Der australische Dollar ist heute um 21 Pips auf 0,6913 gestiegen, was den höchsten Stand seit Oktober 2024 darstellt. Der Aussie profitierte am Freitag von einem starken Arbeitsmarktbericht und der Markt beginnt, Zinserhöhungen zu wittern.
Der Bargeldsatz liegt derzeit bei 3,60 %, aber die OIS-Kurve preist diesen bis zum Jahresende bei etwa 4,30 % ein. Für die unmittelbare Zukunft besteht eine überdurchschnittlich hohe Wahrscheinlichkeit – etwa 63 % –, dass die RBA bei ihrer Sitzung Anfang Februar die Zinsen anheben wird.
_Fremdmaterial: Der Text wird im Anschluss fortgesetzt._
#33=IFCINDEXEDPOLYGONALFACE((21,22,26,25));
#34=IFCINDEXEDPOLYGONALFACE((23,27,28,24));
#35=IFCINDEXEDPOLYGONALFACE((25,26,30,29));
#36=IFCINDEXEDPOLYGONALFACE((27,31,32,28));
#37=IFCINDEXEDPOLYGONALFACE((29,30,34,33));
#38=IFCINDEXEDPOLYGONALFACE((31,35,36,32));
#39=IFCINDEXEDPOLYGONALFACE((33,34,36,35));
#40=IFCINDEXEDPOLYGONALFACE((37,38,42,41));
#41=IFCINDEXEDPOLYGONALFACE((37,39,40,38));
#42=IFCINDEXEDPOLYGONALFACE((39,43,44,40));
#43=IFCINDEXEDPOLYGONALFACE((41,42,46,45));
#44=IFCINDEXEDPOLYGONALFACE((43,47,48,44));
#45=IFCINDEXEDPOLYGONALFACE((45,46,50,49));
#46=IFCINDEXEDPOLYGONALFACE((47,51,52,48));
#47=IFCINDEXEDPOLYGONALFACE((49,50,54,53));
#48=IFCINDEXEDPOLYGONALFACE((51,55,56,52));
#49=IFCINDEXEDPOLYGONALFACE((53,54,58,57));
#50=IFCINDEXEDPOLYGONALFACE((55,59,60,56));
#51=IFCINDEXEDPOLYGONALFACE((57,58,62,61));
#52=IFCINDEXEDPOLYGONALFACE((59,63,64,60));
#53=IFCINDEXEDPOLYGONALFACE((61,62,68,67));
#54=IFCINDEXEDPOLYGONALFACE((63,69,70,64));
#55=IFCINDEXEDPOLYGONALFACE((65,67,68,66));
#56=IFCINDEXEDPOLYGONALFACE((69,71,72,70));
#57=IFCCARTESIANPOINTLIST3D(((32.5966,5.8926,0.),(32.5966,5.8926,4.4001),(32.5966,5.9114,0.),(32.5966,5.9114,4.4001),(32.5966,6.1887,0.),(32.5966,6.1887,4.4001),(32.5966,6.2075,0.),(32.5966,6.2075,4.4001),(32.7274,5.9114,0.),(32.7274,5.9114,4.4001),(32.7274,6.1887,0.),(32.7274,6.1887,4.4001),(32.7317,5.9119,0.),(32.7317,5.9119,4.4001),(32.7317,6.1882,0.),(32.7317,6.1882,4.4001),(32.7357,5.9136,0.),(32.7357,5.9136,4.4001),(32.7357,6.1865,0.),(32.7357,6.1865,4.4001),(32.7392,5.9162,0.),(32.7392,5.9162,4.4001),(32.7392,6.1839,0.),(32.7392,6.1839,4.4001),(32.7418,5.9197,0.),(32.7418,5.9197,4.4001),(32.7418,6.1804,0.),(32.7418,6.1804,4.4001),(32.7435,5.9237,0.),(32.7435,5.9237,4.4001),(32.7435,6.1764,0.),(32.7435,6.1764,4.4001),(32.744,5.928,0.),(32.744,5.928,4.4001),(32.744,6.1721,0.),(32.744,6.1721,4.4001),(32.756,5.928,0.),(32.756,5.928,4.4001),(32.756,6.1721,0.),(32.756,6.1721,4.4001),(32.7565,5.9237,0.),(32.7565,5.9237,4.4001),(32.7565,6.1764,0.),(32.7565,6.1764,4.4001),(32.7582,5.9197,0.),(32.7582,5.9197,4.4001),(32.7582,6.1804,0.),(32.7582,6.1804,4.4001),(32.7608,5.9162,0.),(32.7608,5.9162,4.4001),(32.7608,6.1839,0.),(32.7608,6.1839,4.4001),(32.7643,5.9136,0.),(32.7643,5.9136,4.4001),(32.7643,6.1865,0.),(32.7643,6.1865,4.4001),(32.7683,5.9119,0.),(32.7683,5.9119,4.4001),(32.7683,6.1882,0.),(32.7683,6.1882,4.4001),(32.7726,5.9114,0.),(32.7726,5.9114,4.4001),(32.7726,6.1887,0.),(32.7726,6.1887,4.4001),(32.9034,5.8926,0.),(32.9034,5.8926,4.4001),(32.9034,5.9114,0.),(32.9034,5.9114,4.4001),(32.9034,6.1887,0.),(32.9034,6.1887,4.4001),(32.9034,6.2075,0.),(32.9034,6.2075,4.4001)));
Auch wenn sie im Februar nicht reagieren, deutet die Preisgestaltung darauf hin, dass eine Zinserhöhung bis März fast garantiert erfolgen wird.
Mit Blick auf die weitere Zukunft hat der Markt eine zweite Zinserhöhung bis September vollständig eingepreist. Wenn der Dezember kommt, bereiten sich die Händler auf eine wahrscheinliche dritte Zinserhöhung vor. Im Wesentlichen geht der Markt davon aus, dass die Kreditkosten das ganze Jahr über langsam, aber sicher steigen werden, und das ist ein starker Kontrast zur Fed, wo zwei Schnitte sind eingepreist.
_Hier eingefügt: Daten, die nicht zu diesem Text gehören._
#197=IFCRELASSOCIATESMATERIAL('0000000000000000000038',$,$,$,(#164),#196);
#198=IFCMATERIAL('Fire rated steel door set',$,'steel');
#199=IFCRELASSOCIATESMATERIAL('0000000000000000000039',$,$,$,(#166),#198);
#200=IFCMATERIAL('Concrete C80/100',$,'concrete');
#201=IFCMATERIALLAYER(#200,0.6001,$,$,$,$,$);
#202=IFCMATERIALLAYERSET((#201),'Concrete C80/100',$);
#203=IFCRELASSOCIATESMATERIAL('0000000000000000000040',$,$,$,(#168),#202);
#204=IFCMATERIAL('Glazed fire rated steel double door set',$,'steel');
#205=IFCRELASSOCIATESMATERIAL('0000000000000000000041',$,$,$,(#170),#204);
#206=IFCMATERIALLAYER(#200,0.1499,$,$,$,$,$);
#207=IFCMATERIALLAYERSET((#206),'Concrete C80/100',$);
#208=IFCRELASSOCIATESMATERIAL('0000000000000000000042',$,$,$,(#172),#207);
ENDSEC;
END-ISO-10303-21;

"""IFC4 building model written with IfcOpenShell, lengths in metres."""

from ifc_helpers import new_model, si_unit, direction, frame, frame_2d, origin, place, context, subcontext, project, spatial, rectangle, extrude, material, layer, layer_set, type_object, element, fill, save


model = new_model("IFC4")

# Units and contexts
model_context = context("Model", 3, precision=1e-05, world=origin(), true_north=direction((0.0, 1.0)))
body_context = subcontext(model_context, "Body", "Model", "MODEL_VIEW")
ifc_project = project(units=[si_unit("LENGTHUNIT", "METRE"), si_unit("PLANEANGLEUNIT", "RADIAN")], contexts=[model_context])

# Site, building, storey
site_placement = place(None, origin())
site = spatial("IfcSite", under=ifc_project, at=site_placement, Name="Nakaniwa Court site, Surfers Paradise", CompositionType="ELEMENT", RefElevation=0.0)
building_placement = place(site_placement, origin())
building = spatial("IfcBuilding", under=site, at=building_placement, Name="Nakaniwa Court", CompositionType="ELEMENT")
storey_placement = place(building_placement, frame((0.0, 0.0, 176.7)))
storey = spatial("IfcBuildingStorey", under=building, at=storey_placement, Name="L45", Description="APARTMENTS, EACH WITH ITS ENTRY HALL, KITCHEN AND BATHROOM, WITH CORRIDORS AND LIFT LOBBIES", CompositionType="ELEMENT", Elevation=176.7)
Heute ist Australia Day und die Märkte sind geschlossen, sodass die AUD-Liquidität verringert ist. Wenn die australischen Märkte geöffnet wären, würden die Goldminenunternehmen sicherlich jubeln, da der Preis um 1,7 % auf den Rekordwert von 5.067 US-Dollar gestiegen ist. Silber ist sogar noch heißer und stieg um weitere 4,8 % auf den Rekordwert von 107 $/Unze. Die Bergbauindustrie steht vor einem Boom, und auch die Kupferpreise nähern sich Rekordhöhen.
Das wird große Zuflüsse von Bergbauinvestitionen nach Australien und anderen Bergbaubezirken bedeuten.
Ich habe auch das Gefühl, dass der Devisenmarkt nach sicheren Häfen außerhalb des US-Dollars sucht. Normalerweise ist damit der Yen gemeint, aber angesichts der politischen Unruhen dort und der drohenden Intervention und der massiven Staatsverschuldung schaut der Markt woanders hin. Die Schweiz profitiert von einigen dieser Ströme, aber niedrige Zinsen und die Gefahr von Negativzinsen stehen in scharfem Kontrast zu 4 % Cash-Renditen in AUD.
Kurz gesagt, für den AUD gibt es derzeit viel zu tun, und selbst auf einem 15-Monats-Hoch liegt der AUD historisch immer noch in der unteren Hälfte des 10-Jahres-Bereichs.